Bleaching & dissolved oxygen

Peter Craig Peter_Craig at
Sat May 19 09:43:30 EDT 2001

Coral list,

In discussions of bleaching, low levels of dissolved oxygen (DO) are 
occasionally mentioned, but I have been surprised by the tolerance of some 
nearshore corals in American Samoa to extreme ranges of DO.  

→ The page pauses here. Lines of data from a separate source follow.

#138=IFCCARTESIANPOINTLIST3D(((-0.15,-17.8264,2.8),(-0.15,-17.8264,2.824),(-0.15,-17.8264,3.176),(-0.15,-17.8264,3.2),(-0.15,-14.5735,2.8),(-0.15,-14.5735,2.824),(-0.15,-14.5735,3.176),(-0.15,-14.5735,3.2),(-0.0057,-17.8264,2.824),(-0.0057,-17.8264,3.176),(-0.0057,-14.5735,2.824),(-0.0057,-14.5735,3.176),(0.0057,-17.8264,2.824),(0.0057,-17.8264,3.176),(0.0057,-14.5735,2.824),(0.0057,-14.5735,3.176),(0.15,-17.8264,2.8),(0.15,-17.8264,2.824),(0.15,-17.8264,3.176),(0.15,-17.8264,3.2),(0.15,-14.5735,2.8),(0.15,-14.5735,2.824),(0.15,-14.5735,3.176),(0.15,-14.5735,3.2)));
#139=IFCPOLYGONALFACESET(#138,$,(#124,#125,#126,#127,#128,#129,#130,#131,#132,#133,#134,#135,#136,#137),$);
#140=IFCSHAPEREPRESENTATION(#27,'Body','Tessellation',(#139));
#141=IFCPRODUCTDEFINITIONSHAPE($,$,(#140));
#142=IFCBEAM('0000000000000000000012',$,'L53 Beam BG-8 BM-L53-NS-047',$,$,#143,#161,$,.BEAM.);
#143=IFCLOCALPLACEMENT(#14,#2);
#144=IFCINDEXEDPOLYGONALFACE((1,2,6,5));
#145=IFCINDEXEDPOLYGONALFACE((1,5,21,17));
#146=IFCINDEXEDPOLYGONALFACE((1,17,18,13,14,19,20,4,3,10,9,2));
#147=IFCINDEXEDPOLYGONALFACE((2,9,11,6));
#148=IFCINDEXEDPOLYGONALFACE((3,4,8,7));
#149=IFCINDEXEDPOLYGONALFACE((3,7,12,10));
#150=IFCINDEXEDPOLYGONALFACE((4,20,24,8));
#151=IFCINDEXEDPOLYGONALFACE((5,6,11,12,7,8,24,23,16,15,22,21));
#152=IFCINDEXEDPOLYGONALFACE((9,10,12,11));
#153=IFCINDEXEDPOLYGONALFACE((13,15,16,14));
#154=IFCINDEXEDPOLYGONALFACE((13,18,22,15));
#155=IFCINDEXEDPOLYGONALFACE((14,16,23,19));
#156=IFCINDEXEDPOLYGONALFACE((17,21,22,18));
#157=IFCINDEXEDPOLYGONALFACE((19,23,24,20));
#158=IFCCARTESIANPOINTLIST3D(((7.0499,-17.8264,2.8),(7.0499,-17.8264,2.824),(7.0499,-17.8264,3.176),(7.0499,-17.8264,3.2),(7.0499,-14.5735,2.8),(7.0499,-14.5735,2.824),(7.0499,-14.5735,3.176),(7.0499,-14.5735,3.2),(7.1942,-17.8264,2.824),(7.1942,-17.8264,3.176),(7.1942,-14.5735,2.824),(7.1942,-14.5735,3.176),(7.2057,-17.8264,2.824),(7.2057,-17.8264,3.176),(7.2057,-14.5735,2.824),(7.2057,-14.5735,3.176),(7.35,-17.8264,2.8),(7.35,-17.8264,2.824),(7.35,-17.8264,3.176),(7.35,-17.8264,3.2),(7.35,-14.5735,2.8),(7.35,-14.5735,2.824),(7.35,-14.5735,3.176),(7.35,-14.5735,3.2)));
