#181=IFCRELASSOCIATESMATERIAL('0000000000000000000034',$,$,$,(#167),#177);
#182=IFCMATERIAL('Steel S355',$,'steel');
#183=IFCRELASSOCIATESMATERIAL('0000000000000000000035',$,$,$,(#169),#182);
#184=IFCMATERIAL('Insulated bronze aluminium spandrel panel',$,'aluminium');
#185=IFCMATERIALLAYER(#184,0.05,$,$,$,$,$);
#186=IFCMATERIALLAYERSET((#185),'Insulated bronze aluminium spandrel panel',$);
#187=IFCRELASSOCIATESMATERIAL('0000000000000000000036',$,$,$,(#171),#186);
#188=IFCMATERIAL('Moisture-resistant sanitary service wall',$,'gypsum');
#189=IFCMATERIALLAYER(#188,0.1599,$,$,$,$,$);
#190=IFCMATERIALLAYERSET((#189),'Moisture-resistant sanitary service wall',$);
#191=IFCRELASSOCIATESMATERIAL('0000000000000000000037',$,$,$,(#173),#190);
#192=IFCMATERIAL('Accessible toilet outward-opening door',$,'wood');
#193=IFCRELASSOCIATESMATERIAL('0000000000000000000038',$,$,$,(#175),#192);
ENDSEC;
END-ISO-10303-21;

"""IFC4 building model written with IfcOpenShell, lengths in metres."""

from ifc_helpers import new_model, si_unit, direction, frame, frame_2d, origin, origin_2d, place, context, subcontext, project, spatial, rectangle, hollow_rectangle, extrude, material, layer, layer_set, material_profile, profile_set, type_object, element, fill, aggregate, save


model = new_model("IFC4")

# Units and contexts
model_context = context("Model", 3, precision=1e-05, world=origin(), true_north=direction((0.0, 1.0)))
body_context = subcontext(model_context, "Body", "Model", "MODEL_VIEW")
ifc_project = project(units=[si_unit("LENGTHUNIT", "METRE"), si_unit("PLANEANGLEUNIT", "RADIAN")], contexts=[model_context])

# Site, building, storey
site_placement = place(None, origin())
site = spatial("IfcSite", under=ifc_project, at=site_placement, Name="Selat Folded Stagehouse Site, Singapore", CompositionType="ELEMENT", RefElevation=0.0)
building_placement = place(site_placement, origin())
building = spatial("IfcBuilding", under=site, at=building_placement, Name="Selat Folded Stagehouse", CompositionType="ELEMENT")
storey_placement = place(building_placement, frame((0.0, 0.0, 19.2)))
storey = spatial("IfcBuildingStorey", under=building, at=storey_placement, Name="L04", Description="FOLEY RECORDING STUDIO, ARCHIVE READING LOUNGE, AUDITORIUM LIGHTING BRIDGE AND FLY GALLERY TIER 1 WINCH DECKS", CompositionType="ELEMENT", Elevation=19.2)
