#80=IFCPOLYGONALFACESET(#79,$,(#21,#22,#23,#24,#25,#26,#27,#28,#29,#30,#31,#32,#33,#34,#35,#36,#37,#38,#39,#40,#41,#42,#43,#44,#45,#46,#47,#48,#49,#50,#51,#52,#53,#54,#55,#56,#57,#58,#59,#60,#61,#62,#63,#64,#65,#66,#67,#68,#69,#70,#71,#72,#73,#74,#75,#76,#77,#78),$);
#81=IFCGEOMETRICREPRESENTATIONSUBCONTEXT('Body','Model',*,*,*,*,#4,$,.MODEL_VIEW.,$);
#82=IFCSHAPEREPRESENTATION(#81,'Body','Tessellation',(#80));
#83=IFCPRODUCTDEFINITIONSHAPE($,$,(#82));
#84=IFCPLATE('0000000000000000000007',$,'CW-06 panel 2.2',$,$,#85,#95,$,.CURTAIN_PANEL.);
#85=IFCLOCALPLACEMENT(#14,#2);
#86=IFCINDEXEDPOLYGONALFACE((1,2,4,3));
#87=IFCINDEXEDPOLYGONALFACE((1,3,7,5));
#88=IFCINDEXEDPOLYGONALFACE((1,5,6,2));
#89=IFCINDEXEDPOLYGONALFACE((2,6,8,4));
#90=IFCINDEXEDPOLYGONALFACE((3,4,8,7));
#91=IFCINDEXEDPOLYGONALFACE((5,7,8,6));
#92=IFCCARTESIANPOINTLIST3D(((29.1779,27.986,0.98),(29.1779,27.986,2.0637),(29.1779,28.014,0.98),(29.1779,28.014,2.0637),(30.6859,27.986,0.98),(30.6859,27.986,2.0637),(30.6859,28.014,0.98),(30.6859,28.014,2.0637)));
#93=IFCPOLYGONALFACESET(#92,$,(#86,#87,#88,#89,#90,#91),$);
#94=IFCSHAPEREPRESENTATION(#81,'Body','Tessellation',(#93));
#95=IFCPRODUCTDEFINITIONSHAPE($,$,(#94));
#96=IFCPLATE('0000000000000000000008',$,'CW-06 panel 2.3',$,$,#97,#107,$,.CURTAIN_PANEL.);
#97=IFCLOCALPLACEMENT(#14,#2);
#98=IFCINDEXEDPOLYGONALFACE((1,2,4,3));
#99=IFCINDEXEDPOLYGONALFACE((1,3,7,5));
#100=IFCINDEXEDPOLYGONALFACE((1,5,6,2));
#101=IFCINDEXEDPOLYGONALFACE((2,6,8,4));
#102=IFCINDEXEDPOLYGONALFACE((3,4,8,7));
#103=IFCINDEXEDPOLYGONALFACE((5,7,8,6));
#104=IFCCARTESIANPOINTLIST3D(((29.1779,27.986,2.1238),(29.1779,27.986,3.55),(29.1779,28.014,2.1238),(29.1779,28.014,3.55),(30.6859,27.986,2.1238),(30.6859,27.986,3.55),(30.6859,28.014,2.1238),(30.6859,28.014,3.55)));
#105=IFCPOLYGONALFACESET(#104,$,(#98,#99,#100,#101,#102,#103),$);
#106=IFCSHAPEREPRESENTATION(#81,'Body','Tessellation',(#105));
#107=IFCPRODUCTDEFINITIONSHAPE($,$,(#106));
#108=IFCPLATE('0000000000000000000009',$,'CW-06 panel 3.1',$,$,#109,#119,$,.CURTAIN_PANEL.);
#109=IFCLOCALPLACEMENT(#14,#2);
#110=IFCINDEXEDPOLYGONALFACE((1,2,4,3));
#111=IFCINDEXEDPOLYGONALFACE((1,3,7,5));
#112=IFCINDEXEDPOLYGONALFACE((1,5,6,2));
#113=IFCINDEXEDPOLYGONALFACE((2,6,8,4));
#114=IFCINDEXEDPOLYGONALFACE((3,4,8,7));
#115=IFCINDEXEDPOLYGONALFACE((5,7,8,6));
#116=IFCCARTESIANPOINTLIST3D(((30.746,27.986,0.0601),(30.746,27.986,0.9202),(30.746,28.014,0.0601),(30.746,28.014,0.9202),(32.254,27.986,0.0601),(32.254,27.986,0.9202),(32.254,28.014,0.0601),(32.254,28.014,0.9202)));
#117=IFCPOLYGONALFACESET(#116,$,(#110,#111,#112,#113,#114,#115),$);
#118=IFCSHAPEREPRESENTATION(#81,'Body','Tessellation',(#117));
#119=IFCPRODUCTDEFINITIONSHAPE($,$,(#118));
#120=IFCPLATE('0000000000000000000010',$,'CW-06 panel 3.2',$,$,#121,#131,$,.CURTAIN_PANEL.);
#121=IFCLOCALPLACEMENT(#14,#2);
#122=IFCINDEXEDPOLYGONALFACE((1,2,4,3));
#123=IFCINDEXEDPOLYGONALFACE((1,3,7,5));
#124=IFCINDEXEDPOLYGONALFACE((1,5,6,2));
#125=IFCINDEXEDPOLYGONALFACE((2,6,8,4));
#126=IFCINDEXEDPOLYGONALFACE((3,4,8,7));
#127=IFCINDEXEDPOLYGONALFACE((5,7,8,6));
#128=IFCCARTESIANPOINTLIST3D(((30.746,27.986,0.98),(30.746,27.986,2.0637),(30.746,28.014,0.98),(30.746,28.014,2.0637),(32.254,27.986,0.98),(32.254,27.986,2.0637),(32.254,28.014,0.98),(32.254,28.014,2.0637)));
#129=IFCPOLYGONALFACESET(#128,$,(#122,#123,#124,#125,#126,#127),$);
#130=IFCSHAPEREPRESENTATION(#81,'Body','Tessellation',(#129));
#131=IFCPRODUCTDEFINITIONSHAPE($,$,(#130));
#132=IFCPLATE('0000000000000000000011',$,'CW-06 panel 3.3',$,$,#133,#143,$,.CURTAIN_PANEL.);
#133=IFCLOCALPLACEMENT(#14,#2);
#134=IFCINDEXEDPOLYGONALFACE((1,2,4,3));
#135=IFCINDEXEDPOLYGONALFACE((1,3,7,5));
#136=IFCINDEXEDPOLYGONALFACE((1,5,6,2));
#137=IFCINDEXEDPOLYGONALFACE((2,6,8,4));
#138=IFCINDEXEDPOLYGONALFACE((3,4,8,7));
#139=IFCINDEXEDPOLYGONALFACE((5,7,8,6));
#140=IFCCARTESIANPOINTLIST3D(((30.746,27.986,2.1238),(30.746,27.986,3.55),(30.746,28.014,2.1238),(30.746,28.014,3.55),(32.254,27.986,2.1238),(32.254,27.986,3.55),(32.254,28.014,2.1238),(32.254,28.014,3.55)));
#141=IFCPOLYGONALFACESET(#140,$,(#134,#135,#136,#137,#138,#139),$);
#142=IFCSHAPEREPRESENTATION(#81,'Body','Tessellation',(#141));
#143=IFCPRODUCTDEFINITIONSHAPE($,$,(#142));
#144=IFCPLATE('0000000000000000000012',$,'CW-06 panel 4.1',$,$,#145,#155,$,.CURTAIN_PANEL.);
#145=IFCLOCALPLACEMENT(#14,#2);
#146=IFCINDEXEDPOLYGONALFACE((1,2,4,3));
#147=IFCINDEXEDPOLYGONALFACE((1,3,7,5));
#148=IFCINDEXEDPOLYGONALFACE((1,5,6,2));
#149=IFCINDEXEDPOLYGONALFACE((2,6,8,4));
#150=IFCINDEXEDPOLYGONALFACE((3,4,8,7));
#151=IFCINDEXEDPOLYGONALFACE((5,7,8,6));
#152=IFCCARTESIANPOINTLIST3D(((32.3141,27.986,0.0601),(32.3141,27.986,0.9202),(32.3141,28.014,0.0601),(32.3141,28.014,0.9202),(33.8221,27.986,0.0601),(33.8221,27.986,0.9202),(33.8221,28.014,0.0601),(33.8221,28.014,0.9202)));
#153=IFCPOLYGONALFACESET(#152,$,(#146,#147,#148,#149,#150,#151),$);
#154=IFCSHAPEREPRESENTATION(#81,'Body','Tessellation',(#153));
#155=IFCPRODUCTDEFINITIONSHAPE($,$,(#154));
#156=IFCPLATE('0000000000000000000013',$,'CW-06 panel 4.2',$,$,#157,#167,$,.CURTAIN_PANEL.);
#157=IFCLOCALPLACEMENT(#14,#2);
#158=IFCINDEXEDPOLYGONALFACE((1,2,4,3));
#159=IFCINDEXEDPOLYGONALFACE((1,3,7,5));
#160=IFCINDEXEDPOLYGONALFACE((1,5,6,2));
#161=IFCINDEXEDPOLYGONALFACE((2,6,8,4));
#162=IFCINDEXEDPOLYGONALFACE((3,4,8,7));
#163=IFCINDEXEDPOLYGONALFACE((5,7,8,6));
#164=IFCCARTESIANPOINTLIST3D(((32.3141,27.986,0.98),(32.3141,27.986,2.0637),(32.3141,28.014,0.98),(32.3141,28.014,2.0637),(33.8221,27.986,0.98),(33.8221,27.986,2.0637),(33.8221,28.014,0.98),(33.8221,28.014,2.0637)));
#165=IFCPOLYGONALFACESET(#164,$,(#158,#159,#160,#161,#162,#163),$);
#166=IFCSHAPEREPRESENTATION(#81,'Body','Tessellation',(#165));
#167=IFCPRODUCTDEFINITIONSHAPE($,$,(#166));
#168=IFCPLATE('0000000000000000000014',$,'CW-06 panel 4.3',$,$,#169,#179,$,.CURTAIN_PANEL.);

At one site, a diverse and healthy-looking assemblage of 52 coral species 
tolerated DO's ranging from 15 to 233% saturation, with negligible bleaching 
(about 1%).  (The DO instrument was still in calibration after these 
measurements were taken and the data were similar to those of a second 

The study site is a large and 'pristine' backreef moat on a fringing reef.  At 
low tide, the 1-meter deep moat is isolated from ocean flushing, thus it is 
subject to wide daily fluctuations in temperature, brief exposures (hours) to 
very high temperatures, extreme fluctuations in DO saturation (15% at night, 
233% daytime), and changes in pH (7.9-8.5).  During the daytime, steady streams 
of oxygen bubbles float to the surface (so some supersaturation seems 
reasonable) although there is little macroalgae present.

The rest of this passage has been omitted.